Here we are having a bit of fun in the caves with the X990.













And another just for fun.





~John


----------



## kingoftf (Feb 23, 2007)

Microfire K500R





Daylight





Night





*switch*





Zoom







All around 60 meter--->190 ft

We have a lot of caves here but they are to dangerous:

http://rawstory.com/news/2006/Six_tourists_confirmed_killed_in_Te_02112007.html


----------



## Unbreakable (Feb 23, 2007)

jtice said:


> So far, I have an X990, NELCO, THOR, 3152, and HavisSheild.
> I like them all, the Havis is the best built, and the 3152 is great for the money.
> 
> Here is the X990 vs. the stock THOR.
> ...


 
That X990 Kicks Arse.... I found one made by ACRO... is this the same light... will it do what yours is doing in these pics... If so I'm sold on this light.


----------



## jtice (Feb 23, 2007)

Yes, far as I know, the ACRO branded one is the same light.

Nothing beats the 3152 for bang for buck,
but if you have the cash, the X990 is a bit more versatile and smaller.
Havis seems to be the toughest, but I mainly say that for its rubber outer shell.
Its also fairly water tight.

~John


----------



## Strauss (Feb 24, 2007)

I absolutely LOVE my X990! It beats all my other lights in output and throw by a LOOOOONNNGG shot :naughty: 

Stepping into the 35W HID area puts you on a whole other level


----------



## Unbreakable (Feb 24, 2007)

jtice said:


> Yes, far as I know, the ACRO branded one is the same light.
> 
> Nothing beats the 3152 for bang for buck,
> but if you have the cash, the X990 is a bit more versatile and smaller.
> ...


 
If money is not a consideration (As I have enough to get either) Which is the one to get... the X990 or the 3152. Assume they cost the same... which performs better... What's the runtime, lumen or CP, range, durability, waterproof comparisons like? The 3152 looks nice and the price is good too but I'm looking for the better of the two right now. 

Thanks


----------



## jtice (Feb 24, 2007)

The X990 is a bit more versatile, with its tilting head, which also makes it easier to carry.
It also has an adjustable focus.
Throw, I dont know if I have had them side by side outside, I think they might be about the same.
Runtime on the X990 is about 60 minutes, and I think the 3152 is the same.
X990 is a bit lighter, seeing how the 3152 has a large 12V SLA battery.
Build quality on the X990 seems a bit better, feels like better plastic.
Neither are water proof though, but both should handle some rain.

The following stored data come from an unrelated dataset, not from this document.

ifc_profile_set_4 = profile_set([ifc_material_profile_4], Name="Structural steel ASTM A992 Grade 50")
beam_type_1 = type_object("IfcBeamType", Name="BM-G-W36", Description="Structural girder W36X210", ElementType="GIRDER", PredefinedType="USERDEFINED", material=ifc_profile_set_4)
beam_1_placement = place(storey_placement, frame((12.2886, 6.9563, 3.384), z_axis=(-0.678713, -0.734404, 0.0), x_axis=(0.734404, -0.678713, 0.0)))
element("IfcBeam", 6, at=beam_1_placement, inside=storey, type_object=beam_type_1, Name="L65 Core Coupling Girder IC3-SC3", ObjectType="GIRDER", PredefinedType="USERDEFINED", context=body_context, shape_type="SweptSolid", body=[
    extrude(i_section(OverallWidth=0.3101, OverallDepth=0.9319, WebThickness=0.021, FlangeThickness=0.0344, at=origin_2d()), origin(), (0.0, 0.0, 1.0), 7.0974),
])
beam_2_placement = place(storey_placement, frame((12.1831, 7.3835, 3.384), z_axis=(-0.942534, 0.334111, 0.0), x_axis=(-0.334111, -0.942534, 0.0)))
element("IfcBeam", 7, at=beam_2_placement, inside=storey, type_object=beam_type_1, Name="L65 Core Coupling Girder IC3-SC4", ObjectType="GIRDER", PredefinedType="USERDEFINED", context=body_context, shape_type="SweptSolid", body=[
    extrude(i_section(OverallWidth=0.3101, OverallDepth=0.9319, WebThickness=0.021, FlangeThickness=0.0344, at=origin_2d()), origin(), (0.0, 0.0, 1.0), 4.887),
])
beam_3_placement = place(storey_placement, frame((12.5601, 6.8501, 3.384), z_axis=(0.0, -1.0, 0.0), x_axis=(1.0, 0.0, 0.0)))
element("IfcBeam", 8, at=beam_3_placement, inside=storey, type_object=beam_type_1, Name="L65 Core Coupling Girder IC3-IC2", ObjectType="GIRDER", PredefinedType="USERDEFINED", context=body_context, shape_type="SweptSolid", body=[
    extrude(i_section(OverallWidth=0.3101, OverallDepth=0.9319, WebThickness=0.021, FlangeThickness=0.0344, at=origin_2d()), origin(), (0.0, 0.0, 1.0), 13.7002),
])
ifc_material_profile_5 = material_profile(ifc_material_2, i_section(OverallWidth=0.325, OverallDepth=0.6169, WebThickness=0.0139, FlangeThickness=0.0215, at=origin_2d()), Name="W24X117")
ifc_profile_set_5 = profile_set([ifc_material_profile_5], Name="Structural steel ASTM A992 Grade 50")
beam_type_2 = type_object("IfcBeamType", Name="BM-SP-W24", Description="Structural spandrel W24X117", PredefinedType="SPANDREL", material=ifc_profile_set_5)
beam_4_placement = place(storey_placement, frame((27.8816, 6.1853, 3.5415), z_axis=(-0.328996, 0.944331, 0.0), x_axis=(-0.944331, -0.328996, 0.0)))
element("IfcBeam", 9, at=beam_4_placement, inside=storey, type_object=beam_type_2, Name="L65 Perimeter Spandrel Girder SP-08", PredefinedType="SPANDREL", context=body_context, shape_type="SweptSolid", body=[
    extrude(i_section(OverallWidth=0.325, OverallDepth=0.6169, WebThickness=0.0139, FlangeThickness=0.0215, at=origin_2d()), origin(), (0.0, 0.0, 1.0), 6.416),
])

The X990s lighter weight, and smaller size puts it ahead of the 3152.
Its alot more money to pay for those features, so its not as much bang for the buck,
but it is the better unit.

Though, if this is your first 35W HID, I dont see you being disappointed in the 3152 either.

~John


----------



## tvodrd (Feb 24, 2007)

Sorry, couldn't resist. :green:




Pic lifted from cqbdude from a Bay Area get-together.

Larry


----------



## Sway (Feb 24, 2007)

Larry,

Is that your EDC model 

:bow:

Later
Kelly


----------



## Strauss (Feb 24, 2007)

WOOOOOAAAAHHHHHH!!! :bow: :bow: :bow: 


Within the next couple days, I will get outside and take a few shots of my lights that like to throw a bit  I have to put my new Mini-HID to the test. I just want to see it against my other high power incan lights, I know the X990 will destroy it, but it must be included in the test :naughty: 

I will post up a few pics in this thread once I take them.


----------



## frogs3 (Feb 24, 2007)

Dear Unbreakable,

I commented on your first post: you are fortunate to have found a good price on the X990, and spelunking was one of its first real applications. As you saw in this thread, there is more power to be had, for lots more $$, but until you get to the tank light (tvodrd's picture), it's mostly for fun.

Check out the beamshots in the archives of the CPF to see how much more power it takes to have a small visual difference when excellent photographs are compared side-by-side. 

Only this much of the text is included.